Closed zhangshixuan1987 closed 1 week ago
@zhangshixuan1987 thank you for the report. PMP had this (overwriting model annual cycle time axis by that of obs) but I removed it at some point presuming no longer such issues from reference datasets processed via obs4MIPs. However, I see your point and it might be worth to consider bring it back to improve flexibility in the reference dataset selection.
One thing to think about is the case of annual average calculating. Extreme case can be models with 360 calendar that its months has to be equally weighted to average, but overwriting its time to the observation can result inaccurate weighting. Let me give some more thoughts on this to see if there is any systematic and easy way to handle it. During the mean time please feel free to post any thoughts or suggestions.
@lee1043 Hi Jiwoo, I agree that this would not be an issue if all the data were processed in a consistent way (e.g. using obs4MIPs method, maybe the users should do so in order to make sure the comparison between model and observations in a fair manner). While this indeed reduced the flexibility if users want to some established datasets, e.g. in my case, I was trying to directly use the observational climatology datasets derived by E3SM diagnostics, which is part of the reason that caused the failure of calculation in my case.
I added this correction as an option, especially when observation does not have CF-compliant time axis, but now I think I am more convinced to extend this as a default procedure if this continue to be an issue with @zhangshixuan1987's workflow. @zhangshixuan1987 What is the current status?
@lee1043: Hi Jiwoo, could you please explain what do you mean by "What is the current status?"
@zhangshixuan1987 sorry I was not clear enough. I was wondering if you have this issue continue with your reference dataset so whether you had to use any workaround, which in this case, I can make the time sync between model and obs as a default process.
@lee1043: I just mentioned in the e-mail I sent to you that the workflow for E3SM-pmp was designed to derive the observational and model climatologies on the fly with the available monthly datasets in E3SM diagnostics. I currently designed two methods to achieve this:
I hope this can answer your question. Overall, I think that the proposed changes here will be a simple but possibly dirty way to avoid the potential issues.
Thank you!
With best wishes,
Shixuan
@zhangshixuan1987 thank you for the reminder and sharing your workflow.

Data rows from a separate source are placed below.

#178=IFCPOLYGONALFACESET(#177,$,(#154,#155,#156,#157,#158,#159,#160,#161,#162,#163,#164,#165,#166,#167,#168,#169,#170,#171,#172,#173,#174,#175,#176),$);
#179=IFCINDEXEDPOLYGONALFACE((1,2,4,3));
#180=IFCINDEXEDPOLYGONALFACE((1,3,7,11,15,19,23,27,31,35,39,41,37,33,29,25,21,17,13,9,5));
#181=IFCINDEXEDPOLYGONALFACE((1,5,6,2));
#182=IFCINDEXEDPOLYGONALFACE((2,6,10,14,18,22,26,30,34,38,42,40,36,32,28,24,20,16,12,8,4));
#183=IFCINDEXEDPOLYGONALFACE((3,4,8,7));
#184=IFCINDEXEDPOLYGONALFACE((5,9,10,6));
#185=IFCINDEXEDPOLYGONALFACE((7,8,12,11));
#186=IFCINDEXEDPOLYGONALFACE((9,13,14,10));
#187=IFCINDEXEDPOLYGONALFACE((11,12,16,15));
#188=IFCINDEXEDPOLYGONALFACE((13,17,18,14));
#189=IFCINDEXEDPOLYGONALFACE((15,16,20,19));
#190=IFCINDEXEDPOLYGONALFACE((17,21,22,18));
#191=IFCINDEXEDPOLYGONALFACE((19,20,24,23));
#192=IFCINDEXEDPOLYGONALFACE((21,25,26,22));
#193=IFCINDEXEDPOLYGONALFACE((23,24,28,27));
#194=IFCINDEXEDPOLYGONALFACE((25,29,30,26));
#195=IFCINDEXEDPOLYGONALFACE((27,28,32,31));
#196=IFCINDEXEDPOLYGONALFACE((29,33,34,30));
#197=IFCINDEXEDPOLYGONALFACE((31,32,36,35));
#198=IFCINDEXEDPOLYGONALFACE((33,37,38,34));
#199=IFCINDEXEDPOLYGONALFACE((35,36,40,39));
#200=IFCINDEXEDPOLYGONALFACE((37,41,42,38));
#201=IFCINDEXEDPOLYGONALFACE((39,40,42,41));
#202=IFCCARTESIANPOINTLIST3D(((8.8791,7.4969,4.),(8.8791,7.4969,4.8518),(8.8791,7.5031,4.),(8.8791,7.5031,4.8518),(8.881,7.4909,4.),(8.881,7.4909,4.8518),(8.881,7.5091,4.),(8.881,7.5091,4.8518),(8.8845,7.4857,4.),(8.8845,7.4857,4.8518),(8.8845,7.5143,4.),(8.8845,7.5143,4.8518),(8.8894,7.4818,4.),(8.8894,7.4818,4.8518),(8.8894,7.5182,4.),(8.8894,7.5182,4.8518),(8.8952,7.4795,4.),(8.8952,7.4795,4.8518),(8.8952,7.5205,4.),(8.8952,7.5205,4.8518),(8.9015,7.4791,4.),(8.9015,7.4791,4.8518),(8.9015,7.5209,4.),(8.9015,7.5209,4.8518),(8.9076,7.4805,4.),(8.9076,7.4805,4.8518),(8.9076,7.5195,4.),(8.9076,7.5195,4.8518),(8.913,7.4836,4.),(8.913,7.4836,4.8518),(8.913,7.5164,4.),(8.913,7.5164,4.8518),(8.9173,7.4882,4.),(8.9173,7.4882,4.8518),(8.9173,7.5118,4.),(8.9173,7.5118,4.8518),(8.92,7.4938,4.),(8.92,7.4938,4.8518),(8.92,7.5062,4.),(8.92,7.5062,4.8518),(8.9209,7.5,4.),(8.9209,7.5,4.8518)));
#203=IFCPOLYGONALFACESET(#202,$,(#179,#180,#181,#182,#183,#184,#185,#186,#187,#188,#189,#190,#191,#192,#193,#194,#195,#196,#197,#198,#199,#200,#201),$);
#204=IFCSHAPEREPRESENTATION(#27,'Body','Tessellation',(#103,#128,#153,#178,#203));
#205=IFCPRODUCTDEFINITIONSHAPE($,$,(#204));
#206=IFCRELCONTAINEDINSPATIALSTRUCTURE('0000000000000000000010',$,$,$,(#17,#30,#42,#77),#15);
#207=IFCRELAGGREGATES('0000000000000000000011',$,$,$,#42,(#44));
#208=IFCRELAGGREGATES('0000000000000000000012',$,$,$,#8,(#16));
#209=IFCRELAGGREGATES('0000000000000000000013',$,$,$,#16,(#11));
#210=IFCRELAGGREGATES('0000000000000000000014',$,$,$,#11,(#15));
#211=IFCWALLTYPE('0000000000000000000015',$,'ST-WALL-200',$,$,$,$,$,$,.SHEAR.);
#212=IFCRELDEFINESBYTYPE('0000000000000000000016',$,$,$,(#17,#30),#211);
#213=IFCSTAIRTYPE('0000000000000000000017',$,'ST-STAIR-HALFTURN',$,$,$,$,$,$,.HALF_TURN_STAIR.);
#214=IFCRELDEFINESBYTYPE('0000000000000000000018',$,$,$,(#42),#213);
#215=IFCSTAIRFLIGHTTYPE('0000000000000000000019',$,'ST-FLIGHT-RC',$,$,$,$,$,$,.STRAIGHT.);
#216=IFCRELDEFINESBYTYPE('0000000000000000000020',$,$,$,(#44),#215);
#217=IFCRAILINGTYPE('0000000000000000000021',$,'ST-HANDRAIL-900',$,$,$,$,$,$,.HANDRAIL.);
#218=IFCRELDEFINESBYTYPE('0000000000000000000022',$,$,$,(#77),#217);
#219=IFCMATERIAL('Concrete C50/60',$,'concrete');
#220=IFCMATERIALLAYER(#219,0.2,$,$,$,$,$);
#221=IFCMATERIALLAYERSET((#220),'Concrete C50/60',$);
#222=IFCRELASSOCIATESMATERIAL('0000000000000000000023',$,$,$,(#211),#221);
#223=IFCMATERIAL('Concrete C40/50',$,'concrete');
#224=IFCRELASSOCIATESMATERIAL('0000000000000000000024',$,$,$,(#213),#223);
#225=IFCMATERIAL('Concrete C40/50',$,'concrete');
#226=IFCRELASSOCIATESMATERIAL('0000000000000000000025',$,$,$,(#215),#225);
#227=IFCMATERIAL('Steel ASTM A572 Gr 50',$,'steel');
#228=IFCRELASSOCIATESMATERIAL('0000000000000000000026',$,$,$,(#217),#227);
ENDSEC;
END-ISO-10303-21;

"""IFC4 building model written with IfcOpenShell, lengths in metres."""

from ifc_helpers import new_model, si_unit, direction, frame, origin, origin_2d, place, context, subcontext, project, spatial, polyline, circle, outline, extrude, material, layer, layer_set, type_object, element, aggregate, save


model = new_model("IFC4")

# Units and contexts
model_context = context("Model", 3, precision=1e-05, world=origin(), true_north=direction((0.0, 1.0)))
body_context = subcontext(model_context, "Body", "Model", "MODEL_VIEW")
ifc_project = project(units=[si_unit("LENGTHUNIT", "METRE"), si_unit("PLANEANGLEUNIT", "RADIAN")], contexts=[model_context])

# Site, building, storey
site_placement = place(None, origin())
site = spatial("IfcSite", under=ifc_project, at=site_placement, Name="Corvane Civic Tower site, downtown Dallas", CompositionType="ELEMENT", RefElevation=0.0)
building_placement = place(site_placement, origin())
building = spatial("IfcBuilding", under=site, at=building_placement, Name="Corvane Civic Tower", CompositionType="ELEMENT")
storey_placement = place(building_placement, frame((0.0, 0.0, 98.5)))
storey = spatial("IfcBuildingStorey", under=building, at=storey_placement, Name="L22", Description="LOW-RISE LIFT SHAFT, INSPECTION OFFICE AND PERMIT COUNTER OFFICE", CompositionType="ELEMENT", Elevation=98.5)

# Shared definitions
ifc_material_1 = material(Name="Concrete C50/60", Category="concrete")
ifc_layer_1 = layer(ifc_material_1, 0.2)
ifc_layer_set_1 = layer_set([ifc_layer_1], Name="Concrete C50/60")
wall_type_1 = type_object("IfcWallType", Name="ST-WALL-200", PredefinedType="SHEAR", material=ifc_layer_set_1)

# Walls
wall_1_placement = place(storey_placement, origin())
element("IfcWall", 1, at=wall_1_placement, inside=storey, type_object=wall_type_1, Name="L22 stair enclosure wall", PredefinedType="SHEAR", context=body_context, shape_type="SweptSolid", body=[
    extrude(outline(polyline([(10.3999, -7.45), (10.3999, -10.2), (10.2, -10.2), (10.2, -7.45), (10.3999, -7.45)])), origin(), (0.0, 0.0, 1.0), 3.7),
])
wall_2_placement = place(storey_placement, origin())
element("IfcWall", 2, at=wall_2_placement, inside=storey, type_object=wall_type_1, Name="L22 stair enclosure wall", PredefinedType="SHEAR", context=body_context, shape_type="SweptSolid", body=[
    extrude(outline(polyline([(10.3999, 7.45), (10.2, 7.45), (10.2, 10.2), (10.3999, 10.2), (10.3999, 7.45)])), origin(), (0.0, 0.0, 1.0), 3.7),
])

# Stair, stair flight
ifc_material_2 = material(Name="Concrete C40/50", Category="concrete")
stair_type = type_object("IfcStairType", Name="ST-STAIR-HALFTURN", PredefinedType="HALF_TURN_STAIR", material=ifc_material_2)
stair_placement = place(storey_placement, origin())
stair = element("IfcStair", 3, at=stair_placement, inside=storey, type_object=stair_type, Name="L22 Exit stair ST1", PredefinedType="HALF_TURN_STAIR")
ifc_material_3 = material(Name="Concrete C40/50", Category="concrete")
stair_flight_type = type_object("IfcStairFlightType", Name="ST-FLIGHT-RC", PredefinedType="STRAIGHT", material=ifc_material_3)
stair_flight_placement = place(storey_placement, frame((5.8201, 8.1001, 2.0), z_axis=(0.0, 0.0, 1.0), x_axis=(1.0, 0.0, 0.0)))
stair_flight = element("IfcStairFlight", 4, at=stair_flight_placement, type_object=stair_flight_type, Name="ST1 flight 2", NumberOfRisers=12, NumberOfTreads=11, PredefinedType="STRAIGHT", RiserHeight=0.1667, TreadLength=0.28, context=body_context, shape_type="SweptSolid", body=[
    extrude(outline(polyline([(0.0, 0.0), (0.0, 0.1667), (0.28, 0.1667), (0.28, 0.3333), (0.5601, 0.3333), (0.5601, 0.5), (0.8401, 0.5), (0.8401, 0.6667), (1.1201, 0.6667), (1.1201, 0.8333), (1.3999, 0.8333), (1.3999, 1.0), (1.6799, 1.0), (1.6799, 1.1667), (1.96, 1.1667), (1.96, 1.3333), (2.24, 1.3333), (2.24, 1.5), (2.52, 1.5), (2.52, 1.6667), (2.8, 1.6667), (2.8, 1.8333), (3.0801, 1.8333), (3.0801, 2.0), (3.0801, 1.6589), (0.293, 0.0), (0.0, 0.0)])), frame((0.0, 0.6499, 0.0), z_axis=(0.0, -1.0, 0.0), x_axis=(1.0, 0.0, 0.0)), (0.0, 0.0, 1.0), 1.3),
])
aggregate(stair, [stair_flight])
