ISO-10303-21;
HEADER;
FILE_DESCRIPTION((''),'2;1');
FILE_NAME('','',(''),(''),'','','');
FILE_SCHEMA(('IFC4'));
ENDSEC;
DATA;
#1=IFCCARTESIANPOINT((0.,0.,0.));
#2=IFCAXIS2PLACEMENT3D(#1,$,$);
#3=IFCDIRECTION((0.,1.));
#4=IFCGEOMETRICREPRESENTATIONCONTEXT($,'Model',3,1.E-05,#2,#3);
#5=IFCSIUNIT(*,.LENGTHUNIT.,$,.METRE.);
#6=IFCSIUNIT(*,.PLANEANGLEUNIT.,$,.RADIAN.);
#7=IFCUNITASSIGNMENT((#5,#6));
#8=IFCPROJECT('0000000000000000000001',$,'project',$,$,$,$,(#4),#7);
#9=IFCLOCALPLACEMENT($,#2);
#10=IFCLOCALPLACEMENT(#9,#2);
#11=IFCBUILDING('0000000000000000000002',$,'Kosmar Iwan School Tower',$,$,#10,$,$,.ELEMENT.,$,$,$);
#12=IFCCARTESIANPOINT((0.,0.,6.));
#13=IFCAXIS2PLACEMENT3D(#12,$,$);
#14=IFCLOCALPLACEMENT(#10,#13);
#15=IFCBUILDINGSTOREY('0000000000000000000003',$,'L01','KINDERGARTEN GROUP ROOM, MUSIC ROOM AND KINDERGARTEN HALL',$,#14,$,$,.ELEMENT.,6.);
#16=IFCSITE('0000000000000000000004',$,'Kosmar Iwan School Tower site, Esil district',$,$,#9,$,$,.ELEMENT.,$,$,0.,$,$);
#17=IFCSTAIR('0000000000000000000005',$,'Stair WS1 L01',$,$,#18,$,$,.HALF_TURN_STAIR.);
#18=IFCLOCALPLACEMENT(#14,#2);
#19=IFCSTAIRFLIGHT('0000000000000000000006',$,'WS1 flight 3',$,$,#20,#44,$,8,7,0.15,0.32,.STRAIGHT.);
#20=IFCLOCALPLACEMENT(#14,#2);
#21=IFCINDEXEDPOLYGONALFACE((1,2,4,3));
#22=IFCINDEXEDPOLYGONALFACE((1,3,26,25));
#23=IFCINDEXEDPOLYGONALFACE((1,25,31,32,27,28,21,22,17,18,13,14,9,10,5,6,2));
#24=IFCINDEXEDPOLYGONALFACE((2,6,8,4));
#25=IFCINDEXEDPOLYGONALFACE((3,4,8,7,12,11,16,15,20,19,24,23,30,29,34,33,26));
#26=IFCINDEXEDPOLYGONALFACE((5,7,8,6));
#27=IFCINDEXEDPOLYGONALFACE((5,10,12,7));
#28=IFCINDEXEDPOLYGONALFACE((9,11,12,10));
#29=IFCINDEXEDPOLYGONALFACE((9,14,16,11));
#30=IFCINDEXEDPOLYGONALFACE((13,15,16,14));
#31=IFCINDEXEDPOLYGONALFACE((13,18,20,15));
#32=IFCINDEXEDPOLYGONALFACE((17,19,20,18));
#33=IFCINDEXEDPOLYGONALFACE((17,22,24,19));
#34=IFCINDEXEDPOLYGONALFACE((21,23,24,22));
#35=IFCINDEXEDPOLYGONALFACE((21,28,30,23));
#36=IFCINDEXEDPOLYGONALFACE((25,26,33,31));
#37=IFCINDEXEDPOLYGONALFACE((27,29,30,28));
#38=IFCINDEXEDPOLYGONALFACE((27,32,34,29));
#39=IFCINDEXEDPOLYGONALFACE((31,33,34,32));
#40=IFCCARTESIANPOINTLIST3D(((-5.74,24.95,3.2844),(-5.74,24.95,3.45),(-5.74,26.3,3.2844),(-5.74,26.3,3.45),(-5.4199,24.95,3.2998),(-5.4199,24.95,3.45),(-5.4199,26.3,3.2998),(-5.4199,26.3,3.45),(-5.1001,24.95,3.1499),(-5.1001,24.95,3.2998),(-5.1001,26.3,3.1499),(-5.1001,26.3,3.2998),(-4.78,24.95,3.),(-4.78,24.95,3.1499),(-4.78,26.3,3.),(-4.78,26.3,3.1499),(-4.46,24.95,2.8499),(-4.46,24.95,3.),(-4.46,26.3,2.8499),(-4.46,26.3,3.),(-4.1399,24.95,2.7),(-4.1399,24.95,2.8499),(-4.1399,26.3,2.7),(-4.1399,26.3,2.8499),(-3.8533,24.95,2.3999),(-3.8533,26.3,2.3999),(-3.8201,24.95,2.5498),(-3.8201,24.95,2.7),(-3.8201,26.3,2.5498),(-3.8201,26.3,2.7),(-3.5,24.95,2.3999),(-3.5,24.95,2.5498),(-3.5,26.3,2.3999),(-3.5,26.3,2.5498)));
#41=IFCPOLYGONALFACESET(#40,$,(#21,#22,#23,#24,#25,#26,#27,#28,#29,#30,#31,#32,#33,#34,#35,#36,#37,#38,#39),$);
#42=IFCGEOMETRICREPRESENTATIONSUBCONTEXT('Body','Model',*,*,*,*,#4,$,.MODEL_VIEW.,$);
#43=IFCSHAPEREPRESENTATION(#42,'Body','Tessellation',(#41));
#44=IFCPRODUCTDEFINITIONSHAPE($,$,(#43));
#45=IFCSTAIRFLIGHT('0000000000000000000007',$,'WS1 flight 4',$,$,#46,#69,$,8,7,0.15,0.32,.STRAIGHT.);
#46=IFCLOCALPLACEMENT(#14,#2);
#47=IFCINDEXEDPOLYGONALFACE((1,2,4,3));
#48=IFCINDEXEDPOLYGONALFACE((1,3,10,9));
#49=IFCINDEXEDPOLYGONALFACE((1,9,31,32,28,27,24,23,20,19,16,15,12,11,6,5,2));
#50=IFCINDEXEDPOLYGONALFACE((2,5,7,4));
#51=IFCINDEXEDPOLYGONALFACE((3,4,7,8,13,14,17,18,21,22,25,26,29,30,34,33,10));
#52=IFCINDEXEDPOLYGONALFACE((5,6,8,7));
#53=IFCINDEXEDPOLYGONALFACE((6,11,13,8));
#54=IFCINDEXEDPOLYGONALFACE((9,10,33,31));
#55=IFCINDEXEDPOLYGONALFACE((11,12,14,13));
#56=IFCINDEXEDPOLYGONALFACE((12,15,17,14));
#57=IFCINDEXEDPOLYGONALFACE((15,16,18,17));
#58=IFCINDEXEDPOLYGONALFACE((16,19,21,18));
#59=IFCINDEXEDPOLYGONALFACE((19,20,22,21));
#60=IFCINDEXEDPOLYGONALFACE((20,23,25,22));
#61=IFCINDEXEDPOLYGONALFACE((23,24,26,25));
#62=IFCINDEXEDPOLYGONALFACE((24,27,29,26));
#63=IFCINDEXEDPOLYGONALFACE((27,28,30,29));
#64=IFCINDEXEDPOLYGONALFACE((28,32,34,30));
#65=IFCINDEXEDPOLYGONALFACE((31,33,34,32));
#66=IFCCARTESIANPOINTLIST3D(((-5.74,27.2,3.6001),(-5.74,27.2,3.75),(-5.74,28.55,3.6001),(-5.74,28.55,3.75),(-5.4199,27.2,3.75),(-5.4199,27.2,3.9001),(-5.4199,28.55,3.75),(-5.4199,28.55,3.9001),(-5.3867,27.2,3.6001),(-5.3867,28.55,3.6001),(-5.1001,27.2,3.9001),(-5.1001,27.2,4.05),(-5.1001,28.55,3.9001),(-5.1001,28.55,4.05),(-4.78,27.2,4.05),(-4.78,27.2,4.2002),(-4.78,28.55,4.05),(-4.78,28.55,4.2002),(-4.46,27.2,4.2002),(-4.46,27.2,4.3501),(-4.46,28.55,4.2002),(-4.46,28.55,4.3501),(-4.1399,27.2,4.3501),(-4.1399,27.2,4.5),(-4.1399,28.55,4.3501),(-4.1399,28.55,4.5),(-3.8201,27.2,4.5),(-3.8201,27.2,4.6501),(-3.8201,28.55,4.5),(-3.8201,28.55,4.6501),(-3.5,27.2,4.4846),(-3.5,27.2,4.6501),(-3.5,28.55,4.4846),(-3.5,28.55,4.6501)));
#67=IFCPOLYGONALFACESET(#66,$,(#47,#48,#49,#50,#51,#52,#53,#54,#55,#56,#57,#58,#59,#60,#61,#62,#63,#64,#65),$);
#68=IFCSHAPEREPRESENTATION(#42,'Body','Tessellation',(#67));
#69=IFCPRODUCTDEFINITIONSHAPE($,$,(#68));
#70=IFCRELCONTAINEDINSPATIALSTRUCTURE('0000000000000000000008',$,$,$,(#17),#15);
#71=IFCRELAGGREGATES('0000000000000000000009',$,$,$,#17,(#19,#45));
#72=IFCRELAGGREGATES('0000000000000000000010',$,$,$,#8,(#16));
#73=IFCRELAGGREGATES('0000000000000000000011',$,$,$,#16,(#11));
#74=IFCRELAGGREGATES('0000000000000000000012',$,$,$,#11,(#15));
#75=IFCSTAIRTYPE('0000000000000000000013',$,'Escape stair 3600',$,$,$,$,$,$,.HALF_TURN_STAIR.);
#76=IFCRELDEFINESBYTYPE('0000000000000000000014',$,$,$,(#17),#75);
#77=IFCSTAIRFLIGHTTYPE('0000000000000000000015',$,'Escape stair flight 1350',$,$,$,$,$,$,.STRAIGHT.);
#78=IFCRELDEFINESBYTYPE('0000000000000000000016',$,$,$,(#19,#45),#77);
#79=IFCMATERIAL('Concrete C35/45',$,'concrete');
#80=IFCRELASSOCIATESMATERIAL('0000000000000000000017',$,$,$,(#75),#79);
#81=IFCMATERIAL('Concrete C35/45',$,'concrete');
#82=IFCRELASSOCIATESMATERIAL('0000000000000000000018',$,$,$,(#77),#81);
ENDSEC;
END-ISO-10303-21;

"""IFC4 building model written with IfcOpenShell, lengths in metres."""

from ifc_helpers import new_model, si_unit, direction, frame, origin, place, context, subcontext, project, spatial, polyline, outline, extrude, material, type_object, element, aggregate, save


model = new_model("IFC4")

# Units and contexts
model_context = context("Model", 3, precision=1e-05, world=origin(), true_north=direction((0.0, 1.0)))
body_context = subcontext(model_context, "Body", "Model", "MODEL_VIEW")
ifc_project = project(units=[si_unit("LENGTHUNIT", "METRE"), si_unit("PLANEANGLEUNIT", "RADIAN")], contexts=[model_context])

# Site, building, storey
site_placement = place(None, origin())
site = spatial("IfcSite", under=ifc_project, at=site_placement, Name="Kosmar Iwan School Tower site, Esil district", CompositionType="ELEMENT", RefElevation=0.0)
building_placement = place(site_placement, origin())
building = spatial("IfcBuilding", under=site, at=building_placement, Name="Kosmar Iwan School Tower", CompositionType="ELEMENT")
storey_placement = place(building_placement, frame((0.0, 0.0, 6.0)))
storey = spatial("IfcBuildingStorey", under=building, at=storey_placement, Name="L01", Description="KINDERGARTEN GROUP ROOM, MUSIC ROOM AND KINDERGARTEN HALL", CompositionType="ELEMENT", Elevation=6.0)

# Stair, stair flights
ifc_material_1 = material(Name="Concrete C35/45", Category="concrete")
stair_type = type_object("IfcStairType", Name="Escape stair 3600", PredefinedType="HALF_TURN_STAIR", material=ifc_material_1)
stair_placement = place(storey_placement, origin())
stair = element("IfcStair", 1, at=stair_placement, inside=storey, type_object=stair_type, Name="Stair WS1 L01", PredefinedType="HALF_TURN_STAIR")
ifc_material_2 = material(Name="Concrete C35/45", Category="concrete")
stair_flight_type = type_object("IfcStairFlightType", Name="Escape stair flight 1350", PredefinedType="STRAIGHT", material=ifc_material_2)
stair_flight_1_placement = place(storey_placement, frame((-3.5, 25.625, 2.3999), z_axis=(0.0, 0.0, 1.0), x_axis=(-1.0, 0.0, 0.0)))
stair_flight_1 = element("IfcStairFlight", 2, at=stair_flight_1_placement, type_object=stair_flight_type, Name="WS1 flight 3", NumberOfRisers=8, NumberOfTreads=7, PredefinedType="STRAIGHT", RiserHeight=0.15, TreadLength=0.32, context=body_context, shape_type="SweptSolid", body=[
    extrude(outline(polyline([(0.0, 0.0), (0.0, 0.1499), (0.3201, 0.1499), (0.3201, 0.3), (0.6399, 0.3), (0.6399, 0.45), (0.96, 0.45), (0.96, 0.6001), (1.28, 0.6001), (1.28, 0.75), (1.6001, 0.75), (1.6001, 0.8999), (1.9199, 0.8999), (1.9199, 1.05), (2.24, 1.05), (2.24, 1.2), (2.24, 0.8845), (0.3533, 0.0), (0.0, 0.0)])), frame((0.0, 0.675, 0.0), z_axis=(0.0, -1.0, 0.0), x_axis=(1.0, 0.0, 0.0)), (0.0, 0.0, 1.0), 1.3501),
])
stair_flight_2_placement = place(storey_placement, frame((-5.74, 27.875, 3.6001), z_axis=(0.0, 0.0, 1.0), x_axis=(1.0, 0.0, 0.0)))
stair_flight_2 = element("IfcStairFlight", 3, at=stair_flight_2_placement, type_object=stair_flight_type, Name="WS1 flight 4", NumberOfRisers=8, NumberOfTreads=7, PredefinedType="STRAIGHT", RiserHeight=0.15, TreadLength=0.32, context=body_context, shape_type="SweptSolid", body=[
    extrude(outline(polyline([(0.0, 0.0), (0.0, 0.1499), (0.3201, 0.1499), (0.3201, 0.3), (0.6399, 0.3), (0.6399, 0.45), (0.96, 0.45), (0.96, 0.6001), (1.28, 0.6001), (1.28, 0.75), (1.6001, 0.75), (1.6001, 0.8999), (1.9199, 0.8999), (1.9199, 1.05), (2.24, 1.05), (2.24, 1.2), (2.24, 0.8845), (0.3533, 0.0), (0.0, 0.0)])), frame((0.0, 0.675, 0.0), z_axis=(0.0, -1.0, 0.0), x_axis=(1.0, 0.0, 0.0)), (0.0, 0.0, 1.0), 1.3501),
])
aggregate(stair, [stair_flight_1, stair_flight_2])

save(model, "model.ifc")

I now updated PR #1162 to fully address this issue by time sync between model and observation as default for mean climate metrics as they are using only 12 time steps from annual cycle. I made observation time to be overwritten by model time because usually they have better CF-compliant time axis. Once PR #1162 is merged, this might enable skipping the method 2 in your comment.
Thanks! @lee1043 This sounds great to me.
What happened?
I tried to generate the mean climate metrics with PCMDI by comparing model simulations with observations. My simulation data here includes the pre-industrial control simulations ( model output time started from year 1), AMIP simulations (model output time started from year 1850 or 1950), and coupled historical simulations (model time started from year 1850 or 1950).
Following the tutorial on the PCMDI webpage, I was able to obtain a model of mean climate metrics expected from PCMDI except for the "rms_xyt" metric. I always got a NAN value in the result files. I explored my calculation procedure carefully, and found that the issues were pointed to the ``rms_xyt(dm, do, var=None)" function in the following code:
Specifically, the time dimension in dm (annual cycle of model mean climatology) and do (annual cycle of observation mean climatology) in my case were inconsistent. In my case,
Note that both data include 12 time samples for annual cycle, but they slightly differ in the decimal point of the time. Such small differences can invalidate the calculation such as ``ds["diff_square"] = (dm[var] - do[var]) ** 2" as python will think that the two data are not aligned with each other.
To my understanding, such differences in the time between "dm" and "do" can be easily hit in many cases, given that the model usually uses "noleap calendar" and observations often use "gregogren calendar". Therefore, I made some modifications in the ``compute_statistics.py":
The idea here is to use the observation as reference, and change the model time to be always consistent with the observations. In this way, the time in "dm" and "do" are guaranteed to be always aligned with each other. With these changes, the issues I mentioned above are resolved, and I can obtain valid "rms_xyt" metrics.
I report my use case of PCMDI here to see if this indicates a potential vulnerability in the calculation of PCMDI mean climate metrics.
What did you expect to happen? Are there are possible answers you came across?
No response
Minimal Complete Verifiable Example (MVCE)
No response
Relevant log output
No response
Anything else we need to know?
No response
Environment
The version of PCMDI in my case is an earlier version "pcmdi_metrics-3.2-pyhd8ed1ab_0" which was installed on the Argon Chrysilis machine using the "conda install" method, and Python 3.10.10 was used.